Recent studies have shown that network coding can provide significant benefits to network protocols, such as increased throughput, reduced network congestion, higher reliability, and lower power consumption. The core principle of network coding is that intermediate nodes actively mix input packets to produce output packets. This mixing subjects network coding systems to a severe security threat, known as a pollution attack, where attacker nodes inject corrupted packets into the network. Corrupted packets propagate in an epidemic manner, depleting network resources and significantly decreasing throughput. Pollution attacks are particularly dangerous in wireless networks, where attackers can easily inject packets or compromise devices due to the increased network vulnerability. In this article, we address pollution attacks against network coding systems in wireless mesh networks. We demonstrate that previous solutions are impractical in wireless networks, incurring an unacceptable high degradation of throughput. We propose a lightweight scheme, DART, that uses time-based authentication in combination with random linear transformations to defend against pollution attacks. We further improve system performance and propose EDART, which enhances DART with an optimistic forwarding scheme. We also propose efficient attacker identification schemes for both DART and EDART that enable quick attacker isolation and the selection of attacker-free paths, achieving additional performance improvement. A detailed security analysis shows that the probability of a polluted packet passing our verification procedure is very low (less than 0.002% in typical settings). Performance results using the well-known MORE protocol and realistic link quality measurements from the Roofnet experimental testbed show that our schemes improve system performance over 20 times compared with previous solutions.

查看原文本刊更多论文

无线网络编码中对污染攻击的实用防御

最近的研究表明，网络编码可以为网络协议提供显著的好处，例如增加吞吐量、减少网络拥塞、提高可靠性和降低功耗。网络编码的核心原理是中间节点主动混合输入报文产生输出报文。这种混合使网络编码系统面临严重的安全威胁，称为污染攻击，攻击者节点将损坏的数据包注入网络。损坏的数据包以流行病的方式传播，耗尽网络资源并显着降低吞吐量。污染攻击在无线网络中尤其危险，由于网络脆弱性的增加，攻击者可以很容易地注入数据包或破坏设备。在本文中，我们讨论了无线网状网络中针对网络编码系统的污染攻击。我们证明了以前的解决方案在无线网络中是不切实际的，会导致吞吐量的不可接受的高退化。我们提出了一种轻量级方案，DART，它使用基于时间的身份验证与随机线性转换相结合来防御污染攻击。我们进一步提高了系统性能，并提出了EDART，它通过乐观转发方案增强了DART。我们还为DART和EDART提出了有效的攻击者识别方案，可以快速隔离攻击者并选择无攻击者的路径，从而实现额外的性能改进。详细的安全性分析表明，受污染的数据包通过我们的验证程序的概率非常低(在典型设置中小于0.002%)。使用知名的MORE协议和来自Roofnet实验测试平台的实际链路质量测量的性能结果表明，我们的方案与以前的解决方案相比，系统性能提高了20倍以上。

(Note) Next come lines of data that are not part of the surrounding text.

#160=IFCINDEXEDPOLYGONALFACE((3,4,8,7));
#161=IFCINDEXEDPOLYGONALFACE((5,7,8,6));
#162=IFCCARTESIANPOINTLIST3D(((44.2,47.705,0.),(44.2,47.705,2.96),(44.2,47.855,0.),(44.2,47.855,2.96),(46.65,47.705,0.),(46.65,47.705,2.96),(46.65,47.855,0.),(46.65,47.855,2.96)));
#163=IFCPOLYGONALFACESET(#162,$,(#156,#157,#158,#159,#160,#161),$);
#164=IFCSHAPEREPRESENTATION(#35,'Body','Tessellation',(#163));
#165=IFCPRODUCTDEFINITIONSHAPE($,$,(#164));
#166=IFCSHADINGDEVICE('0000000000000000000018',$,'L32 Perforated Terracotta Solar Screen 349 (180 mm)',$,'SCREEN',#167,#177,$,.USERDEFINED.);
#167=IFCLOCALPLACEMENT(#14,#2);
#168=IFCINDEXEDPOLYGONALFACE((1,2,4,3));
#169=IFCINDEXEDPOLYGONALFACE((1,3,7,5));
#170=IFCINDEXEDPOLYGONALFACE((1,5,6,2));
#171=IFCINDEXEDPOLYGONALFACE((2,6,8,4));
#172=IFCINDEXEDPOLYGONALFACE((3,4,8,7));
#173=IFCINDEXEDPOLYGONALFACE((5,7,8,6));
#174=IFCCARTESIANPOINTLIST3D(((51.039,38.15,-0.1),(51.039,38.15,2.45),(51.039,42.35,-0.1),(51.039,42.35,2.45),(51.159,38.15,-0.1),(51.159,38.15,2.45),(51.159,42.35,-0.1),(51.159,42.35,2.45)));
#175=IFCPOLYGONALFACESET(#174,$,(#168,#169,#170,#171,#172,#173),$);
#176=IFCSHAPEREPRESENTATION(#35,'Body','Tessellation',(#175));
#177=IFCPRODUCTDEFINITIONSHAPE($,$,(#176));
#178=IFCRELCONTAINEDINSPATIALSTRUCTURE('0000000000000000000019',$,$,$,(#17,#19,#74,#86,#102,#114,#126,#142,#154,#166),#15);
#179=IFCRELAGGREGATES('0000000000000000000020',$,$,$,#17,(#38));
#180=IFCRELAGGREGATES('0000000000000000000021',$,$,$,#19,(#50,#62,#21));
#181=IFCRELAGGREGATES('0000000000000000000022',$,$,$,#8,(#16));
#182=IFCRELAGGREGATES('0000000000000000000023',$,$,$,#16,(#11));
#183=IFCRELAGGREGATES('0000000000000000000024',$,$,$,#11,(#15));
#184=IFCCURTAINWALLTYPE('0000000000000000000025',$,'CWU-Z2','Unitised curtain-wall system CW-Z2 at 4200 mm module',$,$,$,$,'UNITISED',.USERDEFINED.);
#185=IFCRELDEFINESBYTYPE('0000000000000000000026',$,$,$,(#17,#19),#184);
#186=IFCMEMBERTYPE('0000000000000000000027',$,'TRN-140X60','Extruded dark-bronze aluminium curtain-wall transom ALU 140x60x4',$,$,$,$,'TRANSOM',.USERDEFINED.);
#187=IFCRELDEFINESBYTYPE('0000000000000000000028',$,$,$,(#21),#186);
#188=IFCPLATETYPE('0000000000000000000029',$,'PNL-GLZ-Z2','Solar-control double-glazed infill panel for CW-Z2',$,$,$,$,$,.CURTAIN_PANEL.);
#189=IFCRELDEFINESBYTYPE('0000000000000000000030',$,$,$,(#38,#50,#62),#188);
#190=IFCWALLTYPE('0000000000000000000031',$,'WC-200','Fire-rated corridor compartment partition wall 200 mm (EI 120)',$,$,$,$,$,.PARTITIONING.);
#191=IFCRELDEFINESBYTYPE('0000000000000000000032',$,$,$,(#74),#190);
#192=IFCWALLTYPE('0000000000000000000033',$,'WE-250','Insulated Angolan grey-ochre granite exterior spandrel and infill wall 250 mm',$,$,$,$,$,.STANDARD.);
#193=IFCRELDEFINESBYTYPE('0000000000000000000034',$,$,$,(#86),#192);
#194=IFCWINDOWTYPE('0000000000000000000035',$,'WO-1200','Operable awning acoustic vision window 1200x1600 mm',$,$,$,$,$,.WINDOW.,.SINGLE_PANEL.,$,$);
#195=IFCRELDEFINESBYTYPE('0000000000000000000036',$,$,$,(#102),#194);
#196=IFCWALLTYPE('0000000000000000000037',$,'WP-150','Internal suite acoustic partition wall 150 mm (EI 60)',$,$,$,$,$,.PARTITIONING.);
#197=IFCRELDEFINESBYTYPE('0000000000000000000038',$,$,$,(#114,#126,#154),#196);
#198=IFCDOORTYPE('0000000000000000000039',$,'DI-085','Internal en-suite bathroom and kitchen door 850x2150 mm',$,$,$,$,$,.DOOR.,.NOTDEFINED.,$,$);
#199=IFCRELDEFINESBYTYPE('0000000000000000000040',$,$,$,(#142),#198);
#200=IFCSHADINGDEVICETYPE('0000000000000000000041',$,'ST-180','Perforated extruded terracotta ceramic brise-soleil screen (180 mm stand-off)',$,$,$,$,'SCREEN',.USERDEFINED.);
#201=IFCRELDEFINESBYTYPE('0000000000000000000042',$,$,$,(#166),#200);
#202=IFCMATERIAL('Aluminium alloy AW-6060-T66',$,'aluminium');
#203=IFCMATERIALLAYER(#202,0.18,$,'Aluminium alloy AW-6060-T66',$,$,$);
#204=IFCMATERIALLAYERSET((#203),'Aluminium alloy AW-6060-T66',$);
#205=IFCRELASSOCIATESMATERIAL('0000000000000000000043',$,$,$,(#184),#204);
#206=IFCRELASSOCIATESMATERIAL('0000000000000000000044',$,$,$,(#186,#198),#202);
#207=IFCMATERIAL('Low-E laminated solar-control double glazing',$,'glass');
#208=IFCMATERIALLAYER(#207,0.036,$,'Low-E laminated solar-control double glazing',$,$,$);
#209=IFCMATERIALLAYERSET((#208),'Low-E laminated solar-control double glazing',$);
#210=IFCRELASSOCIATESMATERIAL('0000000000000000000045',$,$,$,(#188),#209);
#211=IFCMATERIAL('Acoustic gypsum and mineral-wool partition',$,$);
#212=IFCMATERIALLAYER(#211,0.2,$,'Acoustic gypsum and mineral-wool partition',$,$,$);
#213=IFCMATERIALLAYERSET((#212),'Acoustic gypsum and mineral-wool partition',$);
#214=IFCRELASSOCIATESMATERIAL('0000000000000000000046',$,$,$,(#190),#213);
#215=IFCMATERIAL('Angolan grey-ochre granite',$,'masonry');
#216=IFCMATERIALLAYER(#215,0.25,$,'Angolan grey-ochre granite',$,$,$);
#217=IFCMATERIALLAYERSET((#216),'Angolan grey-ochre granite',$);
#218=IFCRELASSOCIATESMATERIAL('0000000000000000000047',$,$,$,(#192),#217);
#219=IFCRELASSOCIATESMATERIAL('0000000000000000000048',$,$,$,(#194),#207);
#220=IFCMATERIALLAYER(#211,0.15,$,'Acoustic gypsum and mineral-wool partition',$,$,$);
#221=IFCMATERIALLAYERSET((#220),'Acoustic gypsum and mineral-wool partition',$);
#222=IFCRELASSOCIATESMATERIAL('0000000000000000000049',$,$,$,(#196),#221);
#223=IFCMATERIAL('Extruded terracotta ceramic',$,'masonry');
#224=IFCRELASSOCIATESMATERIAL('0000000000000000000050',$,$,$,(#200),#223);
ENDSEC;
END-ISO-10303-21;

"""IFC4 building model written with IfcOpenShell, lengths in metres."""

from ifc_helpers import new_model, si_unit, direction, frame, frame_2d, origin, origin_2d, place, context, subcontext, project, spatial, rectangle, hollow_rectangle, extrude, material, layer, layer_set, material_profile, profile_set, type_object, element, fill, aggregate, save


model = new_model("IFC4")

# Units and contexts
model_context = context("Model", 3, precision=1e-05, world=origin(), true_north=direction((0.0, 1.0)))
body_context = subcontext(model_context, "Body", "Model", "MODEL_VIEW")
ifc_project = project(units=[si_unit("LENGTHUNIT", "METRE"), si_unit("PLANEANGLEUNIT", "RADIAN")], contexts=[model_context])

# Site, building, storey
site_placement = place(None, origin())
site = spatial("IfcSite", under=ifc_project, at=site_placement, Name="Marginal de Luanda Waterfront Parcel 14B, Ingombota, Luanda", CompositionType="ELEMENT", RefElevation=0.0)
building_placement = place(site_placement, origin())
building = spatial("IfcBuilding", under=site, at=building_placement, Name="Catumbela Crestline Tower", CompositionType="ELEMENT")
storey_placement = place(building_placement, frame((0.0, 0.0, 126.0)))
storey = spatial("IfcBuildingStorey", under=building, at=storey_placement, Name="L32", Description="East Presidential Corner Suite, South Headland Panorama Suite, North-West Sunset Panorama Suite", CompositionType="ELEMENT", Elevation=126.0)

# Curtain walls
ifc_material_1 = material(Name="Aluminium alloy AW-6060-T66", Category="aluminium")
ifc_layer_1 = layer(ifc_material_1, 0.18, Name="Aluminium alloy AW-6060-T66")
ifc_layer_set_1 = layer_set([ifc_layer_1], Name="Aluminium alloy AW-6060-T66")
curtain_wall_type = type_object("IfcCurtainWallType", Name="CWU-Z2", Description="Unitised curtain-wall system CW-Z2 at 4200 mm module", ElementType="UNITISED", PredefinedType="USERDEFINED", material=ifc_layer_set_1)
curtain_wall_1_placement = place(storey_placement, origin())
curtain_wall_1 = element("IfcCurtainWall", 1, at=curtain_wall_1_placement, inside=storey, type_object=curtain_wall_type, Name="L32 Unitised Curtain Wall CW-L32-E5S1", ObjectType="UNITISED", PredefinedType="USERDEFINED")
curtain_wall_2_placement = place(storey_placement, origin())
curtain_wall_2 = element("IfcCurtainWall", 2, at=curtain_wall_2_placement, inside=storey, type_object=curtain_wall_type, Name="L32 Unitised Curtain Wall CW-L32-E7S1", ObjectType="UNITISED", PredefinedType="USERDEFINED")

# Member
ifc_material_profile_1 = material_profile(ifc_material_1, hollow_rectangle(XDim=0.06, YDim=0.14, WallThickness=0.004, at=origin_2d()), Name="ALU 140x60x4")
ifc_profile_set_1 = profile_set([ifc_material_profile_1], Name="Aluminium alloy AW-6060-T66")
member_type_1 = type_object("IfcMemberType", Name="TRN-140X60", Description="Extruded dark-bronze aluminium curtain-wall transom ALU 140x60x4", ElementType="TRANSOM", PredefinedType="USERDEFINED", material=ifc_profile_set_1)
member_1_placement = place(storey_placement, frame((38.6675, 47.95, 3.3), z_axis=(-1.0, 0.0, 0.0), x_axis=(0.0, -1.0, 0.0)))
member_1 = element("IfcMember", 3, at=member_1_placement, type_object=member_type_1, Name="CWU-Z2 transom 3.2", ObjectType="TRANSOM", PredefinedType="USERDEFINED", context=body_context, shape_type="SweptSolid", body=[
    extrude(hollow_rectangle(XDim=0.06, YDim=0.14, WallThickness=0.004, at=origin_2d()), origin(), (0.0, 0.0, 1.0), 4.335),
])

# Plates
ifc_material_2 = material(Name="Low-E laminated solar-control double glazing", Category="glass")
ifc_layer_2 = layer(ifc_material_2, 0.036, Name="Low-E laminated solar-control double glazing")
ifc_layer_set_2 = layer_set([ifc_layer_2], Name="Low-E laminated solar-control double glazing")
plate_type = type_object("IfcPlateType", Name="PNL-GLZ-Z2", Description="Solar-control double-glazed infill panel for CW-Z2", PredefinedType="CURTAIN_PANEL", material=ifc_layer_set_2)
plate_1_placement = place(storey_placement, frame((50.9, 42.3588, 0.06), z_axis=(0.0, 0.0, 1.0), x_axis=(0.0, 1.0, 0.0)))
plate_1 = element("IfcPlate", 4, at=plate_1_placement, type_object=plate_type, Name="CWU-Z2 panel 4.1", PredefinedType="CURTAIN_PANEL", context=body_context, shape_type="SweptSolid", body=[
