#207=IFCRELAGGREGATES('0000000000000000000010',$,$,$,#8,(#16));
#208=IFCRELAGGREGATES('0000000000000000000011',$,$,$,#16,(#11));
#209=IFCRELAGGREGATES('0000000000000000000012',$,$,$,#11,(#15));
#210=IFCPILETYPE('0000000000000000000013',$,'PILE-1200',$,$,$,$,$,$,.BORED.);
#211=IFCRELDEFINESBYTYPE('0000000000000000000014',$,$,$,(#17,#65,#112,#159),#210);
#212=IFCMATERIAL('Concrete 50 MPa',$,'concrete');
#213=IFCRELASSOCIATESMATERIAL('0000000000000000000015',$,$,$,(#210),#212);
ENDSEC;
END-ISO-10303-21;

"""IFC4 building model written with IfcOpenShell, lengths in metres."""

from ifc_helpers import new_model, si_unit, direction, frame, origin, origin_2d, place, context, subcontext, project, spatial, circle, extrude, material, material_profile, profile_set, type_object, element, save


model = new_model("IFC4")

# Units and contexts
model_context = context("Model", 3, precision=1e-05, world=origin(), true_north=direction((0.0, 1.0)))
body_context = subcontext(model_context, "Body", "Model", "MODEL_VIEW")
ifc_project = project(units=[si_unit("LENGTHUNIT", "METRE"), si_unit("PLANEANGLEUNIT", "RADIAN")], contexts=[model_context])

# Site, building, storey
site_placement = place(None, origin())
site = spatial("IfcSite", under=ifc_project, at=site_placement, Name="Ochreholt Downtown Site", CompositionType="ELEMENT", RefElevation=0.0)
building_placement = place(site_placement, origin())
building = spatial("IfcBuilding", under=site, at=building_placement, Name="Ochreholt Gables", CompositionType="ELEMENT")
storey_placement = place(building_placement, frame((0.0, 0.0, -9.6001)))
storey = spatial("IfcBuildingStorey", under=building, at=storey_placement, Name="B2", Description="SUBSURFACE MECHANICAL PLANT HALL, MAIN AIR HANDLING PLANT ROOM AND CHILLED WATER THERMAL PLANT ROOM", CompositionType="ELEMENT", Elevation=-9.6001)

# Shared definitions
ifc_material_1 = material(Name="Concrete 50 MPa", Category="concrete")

本文章由计算机程序翻译，如有差异，请以英文原文为准。

求助全文

约1分钟内获得全文求助全文

来源期刊

ACM Transactions on Information and System Security 工程技术-计算机：信息系统

CiteScore

4.50

自引率

0.00%

发文量

审稿时长

3.3 months

期刊介绍： ISSEC is a scholarly, scientific journal that publishes original research papers in all areas of information and system security, including technologies, systems, applications, and policies.